Here is the exponential form of this equation.
\[\begin{align*}x\left( {x - 3} \right) & = {10^1}\\ {x^2} - 3x - 10 & = 0\\ \left( {x - 5} \right)\left( {x + 2} \right) & = 0\hspace{0.25in} \Rightarrow \hspace{0.25in}x = - 2,\,\,x = 5\end{align*}\]So, we’ve got two potential solutions. Let’s check them both.
\(*x = - 2:\)
\[\log \left( { - 2} \right) = 1 - \log \left( { - 2 - 3} \right)\]We’ve got negative numbers in the logarithms and so this can’t be a solution.
\(x = 5:\)
\[\begin{align*}\log 5 & = 1 - \log \left( {5 - 3} \right)\\ \log 5 & = 1 - \log 2\end{align*}\]No negative numbers or zeroes in the logarithms and so this is a solution.
Therefore, we have a single solution to this equation, \(x = 5\).
Again, remember that we don’t exclude a potential solution because it’s negative or include a potential solution because it’s positive. We exclude a potential solution if it produces negative numbers or zeroes in the logarithms upon substituting it into the equation and we include a potential solution if it doesn’t.
c \({\log _2}\left( {{x^2} - 6x} \right) = 3 + {\log _2}\left( {1 - x} \right)\) Show Solution
Again, let’s get the logarithms onto one side and combined into a single logarithm.

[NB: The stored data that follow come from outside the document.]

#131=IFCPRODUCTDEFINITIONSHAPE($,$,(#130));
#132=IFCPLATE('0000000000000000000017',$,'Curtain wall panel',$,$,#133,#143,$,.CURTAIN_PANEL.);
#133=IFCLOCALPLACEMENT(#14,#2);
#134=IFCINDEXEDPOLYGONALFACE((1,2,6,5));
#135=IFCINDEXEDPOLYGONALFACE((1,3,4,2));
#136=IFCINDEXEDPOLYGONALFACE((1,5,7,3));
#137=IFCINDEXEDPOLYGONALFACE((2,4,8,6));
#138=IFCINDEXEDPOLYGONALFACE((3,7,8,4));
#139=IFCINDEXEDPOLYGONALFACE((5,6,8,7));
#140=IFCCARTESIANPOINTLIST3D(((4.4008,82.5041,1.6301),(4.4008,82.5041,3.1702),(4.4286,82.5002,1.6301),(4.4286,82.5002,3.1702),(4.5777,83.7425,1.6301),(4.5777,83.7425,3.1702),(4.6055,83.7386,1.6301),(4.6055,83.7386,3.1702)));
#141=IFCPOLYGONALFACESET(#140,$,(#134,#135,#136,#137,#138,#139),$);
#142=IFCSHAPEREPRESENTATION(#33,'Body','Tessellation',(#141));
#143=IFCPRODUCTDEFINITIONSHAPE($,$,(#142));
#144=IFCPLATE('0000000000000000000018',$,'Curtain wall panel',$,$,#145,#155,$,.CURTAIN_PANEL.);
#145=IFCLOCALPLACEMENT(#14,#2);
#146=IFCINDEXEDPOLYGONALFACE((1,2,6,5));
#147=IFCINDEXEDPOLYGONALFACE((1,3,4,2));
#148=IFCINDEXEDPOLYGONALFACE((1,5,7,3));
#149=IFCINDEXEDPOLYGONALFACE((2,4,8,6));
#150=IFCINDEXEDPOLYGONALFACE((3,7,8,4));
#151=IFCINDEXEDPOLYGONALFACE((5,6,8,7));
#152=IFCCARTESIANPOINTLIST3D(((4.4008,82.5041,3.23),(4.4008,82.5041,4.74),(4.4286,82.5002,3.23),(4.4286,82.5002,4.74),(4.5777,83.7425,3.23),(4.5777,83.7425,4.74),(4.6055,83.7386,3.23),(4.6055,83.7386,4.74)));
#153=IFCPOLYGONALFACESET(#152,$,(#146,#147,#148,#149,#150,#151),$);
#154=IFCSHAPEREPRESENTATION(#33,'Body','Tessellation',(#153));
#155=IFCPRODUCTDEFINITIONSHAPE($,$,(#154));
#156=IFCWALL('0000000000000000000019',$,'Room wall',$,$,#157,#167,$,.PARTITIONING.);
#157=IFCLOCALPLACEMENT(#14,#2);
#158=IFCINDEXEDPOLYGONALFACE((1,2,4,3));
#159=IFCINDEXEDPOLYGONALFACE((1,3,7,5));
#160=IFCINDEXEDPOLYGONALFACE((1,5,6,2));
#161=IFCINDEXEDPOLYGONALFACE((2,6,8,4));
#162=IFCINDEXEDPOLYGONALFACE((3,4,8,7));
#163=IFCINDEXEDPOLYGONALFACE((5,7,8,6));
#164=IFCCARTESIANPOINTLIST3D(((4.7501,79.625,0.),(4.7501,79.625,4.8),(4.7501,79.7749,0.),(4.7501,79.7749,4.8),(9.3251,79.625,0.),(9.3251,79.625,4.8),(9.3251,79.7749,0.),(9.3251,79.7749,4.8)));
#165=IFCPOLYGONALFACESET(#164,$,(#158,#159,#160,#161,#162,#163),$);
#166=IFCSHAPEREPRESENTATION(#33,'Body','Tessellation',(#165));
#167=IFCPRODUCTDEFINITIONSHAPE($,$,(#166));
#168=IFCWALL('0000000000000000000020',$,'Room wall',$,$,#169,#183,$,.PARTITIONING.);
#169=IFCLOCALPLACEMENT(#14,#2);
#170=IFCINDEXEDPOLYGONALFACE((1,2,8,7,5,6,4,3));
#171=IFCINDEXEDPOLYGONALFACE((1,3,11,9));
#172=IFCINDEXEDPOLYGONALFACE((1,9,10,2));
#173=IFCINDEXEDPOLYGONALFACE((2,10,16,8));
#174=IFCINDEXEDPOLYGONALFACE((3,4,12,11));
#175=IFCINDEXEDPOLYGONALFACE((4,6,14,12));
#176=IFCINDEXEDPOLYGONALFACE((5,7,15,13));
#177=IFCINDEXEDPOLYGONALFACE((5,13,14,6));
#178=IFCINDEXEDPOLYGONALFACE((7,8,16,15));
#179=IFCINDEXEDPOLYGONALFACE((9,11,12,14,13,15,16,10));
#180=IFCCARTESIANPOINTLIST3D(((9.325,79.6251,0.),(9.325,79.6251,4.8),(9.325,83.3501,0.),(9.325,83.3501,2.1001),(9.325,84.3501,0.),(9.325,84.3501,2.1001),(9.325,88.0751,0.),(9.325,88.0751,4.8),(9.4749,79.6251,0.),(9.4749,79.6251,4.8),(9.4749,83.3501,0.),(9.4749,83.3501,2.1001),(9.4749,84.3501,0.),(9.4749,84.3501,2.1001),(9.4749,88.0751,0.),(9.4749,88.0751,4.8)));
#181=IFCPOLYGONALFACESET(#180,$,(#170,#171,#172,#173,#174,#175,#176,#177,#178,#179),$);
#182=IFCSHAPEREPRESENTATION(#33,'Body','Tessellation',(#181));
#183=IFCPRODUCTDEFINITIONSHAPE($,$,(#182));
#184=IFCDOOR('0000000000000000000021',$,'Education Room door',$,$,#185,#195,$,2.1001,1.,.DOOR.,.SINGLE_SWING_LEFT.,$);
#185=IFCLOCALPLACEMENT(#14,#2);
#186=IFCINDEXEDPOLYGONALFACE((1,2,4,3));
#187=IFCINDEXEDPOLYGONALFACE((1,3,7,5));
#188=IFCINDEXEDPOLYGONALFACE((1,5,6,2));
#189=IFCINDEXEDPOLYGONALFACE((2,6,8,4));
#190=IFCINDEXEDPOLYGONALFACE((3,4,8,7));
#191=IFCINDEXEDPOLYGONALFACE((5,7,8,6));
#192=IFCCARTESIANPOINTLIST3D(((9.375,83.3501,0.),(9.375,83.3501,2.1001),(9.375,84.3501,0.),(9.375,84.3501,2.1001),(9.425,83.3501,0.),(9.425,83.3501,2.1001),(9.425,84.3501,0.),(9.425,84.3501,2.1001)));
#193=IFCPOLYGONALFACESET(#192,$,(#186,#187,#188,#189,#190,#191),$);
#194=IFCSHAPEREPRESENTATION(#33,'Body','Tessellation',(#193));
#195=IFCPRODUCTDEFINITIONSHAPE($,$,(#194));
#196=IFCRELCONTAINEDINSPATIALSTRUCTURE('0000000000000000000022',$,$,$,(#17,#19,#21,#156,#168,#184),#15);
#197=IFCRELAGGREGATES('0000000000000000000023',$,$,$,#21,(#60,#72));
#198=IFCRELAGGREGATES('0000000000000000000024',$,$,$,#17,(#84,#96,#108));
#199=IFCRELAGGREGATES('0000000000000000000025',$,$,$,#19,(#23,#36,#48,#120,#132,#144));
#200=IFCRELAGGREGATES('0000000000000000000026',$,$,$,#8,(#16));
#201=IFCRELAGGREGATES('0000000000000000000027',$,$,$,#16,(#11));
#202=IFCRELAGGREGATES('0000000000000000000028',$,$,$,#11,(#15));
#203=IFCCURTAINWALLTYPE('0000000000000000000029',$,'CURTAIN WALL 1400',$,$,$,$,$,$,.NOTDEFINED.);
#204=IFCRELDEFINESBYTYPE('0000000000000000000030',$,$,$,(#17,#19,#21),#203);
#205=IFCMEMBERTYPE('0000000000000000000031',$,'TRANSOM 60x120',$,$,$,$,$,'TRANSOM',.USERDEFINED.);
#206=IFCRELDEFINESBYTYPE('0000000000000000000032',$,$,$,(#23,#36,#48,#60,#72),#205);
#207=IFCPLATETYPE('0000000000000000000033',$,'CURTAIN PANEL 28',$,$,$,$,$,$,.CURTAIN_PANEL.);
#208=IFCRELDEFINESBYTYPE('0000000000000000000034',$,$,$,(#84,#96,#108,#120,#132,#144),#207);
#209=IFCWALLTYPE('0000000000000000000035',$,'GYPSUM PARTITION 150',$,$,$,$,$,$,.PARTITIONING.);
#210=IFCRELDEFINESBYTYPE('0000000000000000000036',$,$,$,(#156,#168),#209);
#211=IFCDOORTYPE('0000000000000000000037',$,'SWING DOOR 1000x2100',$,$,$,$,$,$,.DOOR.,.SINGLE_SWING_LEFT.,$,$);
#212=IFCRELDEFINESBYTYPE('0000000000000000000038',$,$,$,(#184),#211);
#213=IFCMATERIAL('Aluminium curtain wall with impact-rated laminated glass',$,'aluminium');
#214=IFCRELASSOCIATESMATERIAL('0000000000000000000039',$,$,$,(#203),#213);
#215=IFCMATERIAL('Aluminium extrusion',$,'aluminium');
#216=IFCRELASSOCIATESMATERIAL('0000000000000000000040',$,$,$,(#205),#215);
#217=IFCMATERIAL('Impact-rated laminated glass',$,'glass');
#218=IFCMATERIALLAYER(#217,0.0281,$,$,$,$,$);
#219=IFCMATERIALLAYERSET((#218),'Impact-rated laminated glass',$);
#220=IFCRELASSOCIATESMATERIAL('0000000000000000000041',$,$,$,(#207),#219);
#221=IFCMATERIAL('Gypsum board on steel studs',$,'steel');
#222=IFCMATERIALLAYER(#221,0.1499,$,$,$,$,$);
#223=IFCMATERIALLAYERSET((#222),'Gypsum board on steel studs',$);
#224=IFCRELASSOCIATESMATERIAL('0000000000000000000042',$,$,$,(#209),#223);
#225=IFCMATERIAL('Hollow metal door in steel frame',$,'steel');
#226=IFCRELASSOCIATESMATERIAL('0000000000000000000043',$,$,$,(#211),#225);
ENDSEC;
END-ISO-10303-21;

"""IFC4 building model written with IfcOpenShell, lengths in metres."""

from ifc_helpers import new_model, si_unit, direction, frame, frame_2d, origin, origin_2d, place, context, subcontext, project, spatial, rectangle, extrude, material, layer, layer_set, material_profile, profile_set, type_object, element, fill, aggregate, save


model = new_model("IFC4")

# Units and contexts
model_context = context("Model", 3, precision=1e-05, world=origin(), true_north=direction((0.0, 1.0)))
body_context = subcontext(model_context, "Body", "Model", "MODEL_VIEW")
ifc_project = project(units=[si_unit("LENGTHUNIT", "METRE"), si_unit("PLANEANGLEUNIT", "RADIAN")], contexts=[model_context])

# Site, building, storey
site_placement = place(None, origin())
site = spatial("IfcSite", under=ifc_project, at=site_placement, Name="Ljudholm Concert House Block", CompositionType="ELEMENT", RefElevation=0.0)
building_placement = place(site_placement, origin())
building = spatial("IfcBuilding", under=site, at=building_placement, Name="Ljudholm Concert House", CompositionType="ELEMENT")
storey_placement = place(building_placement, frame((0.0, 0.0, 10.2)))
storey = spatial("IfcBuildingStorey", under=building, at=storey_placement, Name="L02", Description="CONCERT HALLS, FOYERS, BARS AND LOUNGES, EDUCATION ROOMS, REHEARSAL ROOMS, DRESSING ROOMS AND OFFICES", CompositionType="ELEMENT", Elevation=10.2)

\[\begin{align*}{\log _2}\left( {{x^2} - 6x} \right) - {\log _2}\left( {1 - x} \right) = 3\\ & {\log _2}\left( {\frac{{{x^2} - 6x}}{{1 - x}}} \right) = 3\end{align*}\]Now, convert it to exponential form.
\[\frac{{{x^2} - 6x}}{{1 - x}} = {2^3} = 8\]Now, let’s solve this equation.
\[\begin{align*}{x^2} - 6x & = 8\left( {1 - x} \right)\\ {x^2} - 6x & = 8 - 8x\\ {x^2} + 2x - 8 & = 0\\ \left( {x + 4} \right)\left( {x - 2} \right) & = 0\hspace{0.25in} \Rightarrow \hspace{0.25in}x = - 4,\,\,x = 2\end{align*}\]Now, let’s check both of these solutions in the original equation.
\(x = - 4:\)
\[\begin{align*}{\log _2}\left( {{{\left( { - 4} \right)}^2} - 6\left( { - 4} \right)} \right) & = 3 + {\log _2}\left( {1 - \left( { - 4} \right)} \right)\\ {\log _2}\left( {16 + 24} \right) & = 3 + {\log _2}\left( 5 \right)\end{align*}\]So, upon substituting this solution in we see that all the numbers in the logarithms are positive and so this IS a solution. Note again that it doesn’t matter that the solution is negative, it just can’t produce negative numbers or zeroes in the logarithms.
\(x = 2:\)
\[\begin{align*}{\log _2}\left( {{2^2} - 6\left( 2 \right)} \right) & = 3 + {\log _2}\left( {1 - 2} \right)\\ {\log _2}\left( {4 - 12} \right) & = 3 + {\log _2}\left( { - 1} \right)\end{align*}\]In this case, despite the fact that the potential solution is positive we get negative numbers in the logarithms and so it can’t possibly be a solution.
Therefore, we get a single solution for this equation, \(x = - 4\).